Anyway, I either told David or I made a mental note that I was going to check his “intuition” at season’s end. I am always skeptical of these, “I can beat a good forecast system just by looking at the forecasts.” They are similar to the “players who I think will breakout or fizzle” articles, although it depends on who is authoring these articles or proclamations. David is a very smart guy and a very good sabermetrician - he should be working for a team someday, if he wants to of course. He has already done some work for some teams.

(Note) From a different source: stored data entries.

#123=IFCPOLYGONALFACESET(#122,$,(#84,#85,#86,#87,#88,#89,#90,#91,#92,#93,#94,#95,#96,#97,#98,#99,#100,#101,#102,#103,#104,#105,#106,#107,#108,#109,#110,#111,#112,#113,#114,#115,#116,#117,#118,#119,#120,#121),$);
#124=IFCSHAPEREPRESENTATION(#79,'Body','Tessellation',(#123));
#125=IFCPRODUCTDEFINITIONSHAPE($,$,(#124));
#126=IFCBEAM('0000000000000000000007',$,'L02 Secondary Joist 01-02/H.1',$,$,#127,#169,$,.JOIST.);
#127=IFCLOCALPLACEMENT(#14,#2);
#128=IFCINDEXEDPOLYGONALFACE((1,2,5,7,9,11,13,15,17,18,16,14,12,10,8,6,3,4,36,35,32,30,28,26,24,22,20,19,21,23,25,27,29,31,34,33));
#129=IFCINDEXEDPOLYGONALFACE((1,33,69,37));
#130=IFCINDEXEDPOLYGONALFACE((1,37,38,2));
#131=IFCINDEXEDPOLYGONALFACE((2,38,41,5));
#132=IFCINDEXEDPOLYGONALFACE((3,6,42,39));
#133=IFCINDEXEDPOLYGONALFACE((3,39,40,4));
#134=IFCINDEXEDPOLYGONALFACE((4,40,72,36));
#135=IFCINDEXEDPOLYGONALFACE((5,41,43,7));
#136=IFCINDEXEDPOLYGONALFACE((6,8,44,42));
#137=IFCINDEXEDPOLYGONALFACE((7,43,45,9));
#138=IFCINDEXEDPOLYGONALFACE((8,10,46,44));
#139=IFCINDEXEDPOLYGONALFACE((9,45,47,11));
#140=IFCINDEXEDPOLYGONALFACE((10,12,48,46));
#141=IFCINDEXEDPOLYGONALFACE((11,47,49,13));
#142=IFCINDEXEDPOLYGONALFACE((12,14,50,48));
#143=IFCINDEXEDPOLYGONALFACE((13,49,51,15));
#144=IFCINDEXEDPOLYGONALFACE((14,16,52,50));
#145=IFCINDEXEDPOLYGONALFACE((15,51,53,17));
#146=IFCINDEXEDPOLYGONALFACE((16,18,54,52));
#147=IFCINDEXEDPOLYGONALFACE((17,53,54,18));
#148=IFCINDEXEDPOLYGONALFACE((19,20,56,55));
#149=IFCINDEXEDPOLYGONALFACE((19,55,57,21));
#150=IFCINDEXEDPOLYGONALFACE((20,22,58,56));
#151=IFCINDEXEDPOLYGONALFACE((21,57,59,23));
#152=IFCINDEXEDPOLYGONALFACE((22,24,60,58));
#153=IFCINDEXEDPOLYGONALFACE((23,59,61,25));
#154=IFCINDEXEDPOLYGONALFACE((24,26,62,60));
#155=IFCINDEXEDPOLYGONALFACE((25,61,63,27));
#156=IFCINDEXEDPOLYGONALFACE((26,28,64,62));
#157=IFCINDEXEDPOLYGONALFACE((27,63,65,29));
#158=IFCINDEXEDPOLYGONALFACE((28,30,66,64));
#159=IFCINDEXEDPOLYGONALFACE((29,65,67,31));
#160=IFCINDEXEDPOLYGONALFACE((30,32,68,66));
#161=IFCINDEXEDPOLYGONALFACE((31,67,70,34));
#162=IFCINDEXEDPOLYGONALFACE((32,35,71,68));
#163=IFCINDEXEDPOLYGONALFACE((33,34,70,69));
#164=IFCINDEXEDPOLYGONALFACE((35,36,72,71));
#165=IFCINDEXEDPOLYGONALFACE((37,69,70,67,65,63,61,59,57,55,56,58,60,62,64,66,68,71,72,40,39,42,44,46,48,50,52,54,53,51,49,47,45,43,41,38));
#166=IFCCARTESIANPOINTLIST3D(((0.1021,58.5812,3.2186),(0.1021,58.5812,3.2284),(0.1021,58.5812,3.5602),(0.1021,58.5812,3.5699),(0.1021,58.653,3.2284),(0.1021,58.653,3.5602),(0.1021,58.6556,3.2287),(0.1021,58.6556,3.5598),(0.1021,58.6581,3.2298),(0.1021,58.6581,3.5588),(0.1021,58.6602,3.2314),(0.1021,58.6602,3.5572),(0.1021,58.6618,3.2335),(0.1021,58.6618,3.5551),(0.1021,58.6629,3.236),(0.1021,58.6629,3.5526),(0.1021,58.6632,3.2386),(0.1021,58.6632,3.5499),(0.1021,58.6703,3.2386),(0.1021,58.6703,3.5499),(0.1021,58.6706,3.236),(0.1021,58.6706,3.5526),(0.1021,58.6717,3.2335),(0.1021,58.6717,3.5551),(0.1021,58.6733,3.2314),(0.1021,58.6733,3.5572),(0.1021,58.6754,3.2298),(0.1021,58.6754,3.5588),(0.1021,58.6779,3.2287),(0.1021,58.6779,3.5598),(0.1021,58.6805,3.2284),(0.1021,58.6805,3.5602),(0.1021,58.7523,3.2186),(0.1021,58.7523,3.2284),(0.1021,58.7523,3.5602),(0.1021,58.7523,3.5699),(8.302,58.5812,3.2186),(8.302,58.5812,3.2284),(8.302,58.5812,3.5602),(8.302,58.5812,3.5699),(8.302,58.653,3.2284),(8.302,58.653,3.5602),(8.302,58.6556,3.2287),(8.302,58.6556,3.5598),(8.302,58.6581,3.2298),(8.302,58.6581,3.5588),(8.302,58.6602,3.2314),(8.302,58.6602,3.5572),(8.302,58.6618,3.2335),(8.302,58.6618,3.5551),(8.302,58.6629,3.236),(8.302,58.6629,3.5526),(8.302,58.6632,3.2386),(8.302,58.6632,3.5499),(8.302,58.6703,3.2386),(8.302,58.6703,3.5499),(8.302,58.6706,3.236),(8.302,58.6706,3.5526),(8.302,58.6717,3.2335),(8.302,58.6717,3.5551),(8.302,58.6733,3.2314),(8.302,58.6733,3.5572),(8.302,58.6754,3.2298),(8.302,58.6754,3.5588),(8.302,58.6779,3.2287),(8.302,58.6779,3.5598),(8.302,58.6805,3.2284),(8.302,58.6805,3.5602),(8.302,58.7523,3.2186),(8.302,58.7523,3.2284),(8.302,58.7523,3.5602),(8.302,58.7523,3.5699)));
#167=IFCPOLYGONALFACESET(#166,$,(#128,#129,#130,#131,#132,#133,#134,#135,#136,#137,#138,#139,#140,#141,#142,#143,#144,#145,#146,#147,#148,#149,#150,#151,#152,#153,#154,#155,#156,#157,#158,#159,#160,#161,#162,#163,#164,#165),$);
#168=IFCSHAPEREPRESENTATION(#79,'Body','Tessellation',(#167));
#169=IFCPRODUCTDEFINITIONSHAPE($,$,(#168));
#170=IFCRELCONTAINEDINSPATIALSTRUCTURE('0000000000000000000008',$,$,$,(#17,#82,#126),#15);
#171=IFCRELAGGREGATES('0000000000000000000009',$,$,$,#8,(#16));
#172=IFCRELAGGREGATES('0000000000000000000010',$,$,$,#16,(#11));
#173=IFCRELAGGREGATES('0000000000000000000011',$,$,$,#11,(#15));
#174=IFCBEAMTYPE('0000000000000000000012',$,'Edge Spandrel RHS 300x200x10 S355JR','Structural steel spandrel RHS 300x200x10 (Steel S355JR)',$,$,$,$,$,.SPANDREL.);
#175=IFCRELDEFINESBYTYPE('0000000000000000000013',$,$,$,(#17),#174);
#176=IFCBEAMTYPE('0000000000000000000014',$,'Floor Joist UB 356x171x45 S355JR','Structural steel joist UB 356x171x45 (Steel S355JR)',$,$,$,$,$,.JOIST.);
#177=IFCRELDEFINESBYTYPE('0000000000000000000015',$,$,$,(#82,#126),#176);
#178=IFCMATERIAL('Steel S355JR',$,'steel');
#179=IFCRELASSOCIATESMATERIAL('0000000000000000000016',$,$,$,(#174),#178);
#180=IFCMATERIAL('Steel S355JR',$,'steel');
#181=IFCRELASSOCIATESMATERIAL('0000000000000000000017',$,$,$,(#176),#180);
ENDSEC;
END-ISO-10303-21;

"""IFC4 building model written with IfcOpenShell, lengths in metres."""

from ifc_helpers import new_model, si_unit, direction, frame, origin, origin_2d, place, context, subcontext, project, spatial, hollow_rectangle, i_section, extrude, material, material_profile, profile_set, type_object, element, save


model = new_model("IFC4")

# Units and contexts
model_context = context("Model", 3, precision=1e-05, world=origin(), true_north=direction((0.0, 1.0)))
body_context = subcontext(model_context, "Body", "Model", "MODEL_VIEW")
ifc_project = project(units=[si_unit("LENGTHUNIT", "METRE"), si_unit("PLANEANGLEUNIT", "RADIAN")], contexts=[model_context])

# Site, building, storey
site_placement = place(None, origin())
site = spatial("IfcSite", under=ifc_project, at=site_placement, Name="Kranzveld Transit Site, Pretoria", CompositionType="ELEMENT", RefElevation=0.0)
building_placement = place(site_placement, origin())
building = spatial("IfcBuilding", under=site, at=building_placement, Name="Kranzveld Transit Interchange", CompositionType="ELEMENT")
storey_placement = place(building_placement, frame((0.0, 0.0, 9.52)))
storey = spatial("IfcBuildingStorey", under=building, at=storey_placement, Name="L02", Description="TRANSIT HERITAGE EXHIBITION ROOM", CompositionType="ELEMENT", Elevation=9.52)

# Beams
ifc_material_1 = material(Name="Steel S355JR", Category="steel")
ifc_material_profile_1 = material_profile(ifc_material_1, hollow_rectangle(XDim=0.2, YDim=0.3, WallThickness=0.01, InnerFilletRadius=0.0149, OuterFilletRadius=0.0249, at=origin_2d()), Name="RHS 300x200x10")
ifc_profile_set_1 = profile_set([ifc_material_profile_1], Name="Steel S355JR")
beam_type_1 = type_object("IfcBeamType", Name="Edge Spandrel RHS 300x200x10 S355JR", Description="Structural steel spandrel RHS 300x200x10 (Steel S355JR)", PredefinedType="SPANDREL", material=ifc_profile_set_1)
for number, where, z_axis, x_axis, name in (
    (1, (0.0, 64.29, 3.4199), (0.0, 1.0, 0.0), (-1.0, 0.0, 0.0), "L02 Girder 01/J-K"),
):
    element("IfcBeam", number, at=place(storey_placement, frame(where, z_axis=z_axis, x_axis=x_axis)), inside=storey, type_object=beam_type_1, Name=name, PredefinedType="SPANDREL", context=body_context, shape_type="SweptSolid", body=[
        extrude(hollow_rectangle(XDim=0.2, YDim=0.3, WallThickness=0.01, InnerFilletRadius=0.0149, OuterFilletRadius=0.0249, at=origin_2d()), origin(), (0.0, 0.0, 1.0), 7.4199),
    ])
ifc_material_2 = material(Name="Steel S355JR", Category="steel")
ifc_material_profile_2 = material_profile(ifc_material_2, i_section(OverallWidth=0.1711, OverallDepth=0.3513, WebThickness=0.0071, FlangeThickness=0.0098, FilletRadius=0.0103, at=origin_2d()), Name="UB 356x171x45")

On the other hand, maybe it is not so hard for a good analyst or even a good scout or insider to take a list of projections and pick out the ones that are not very good. Being able to do that is very different from coming up with good projections of your own. In other words, a scout might easily be able to accurately identify 10 or 20 bad projections but he would likely get killed by a good projection system if he had to project every player. I wish we had done some kind of survey where we had analysts look at a good projection system like THT, Pecota, Chone, Oliver, ZIPS, etc., and try and identify their top 10 or 20 that they think were “wrong.” Because most projections systems are mechanical, that may not be all that hard to do. Of course, I am saying that after I have already checked on David’s picks. It would also probably depend on whether the projection system just spits out the numbers from a computer, as I think THT (and most of the others) does, or whether someone already goes through and tweaks them before they are released. For example, if David had tweaked the THT projections, presumably he would not have any players to choose as being over or under-rated.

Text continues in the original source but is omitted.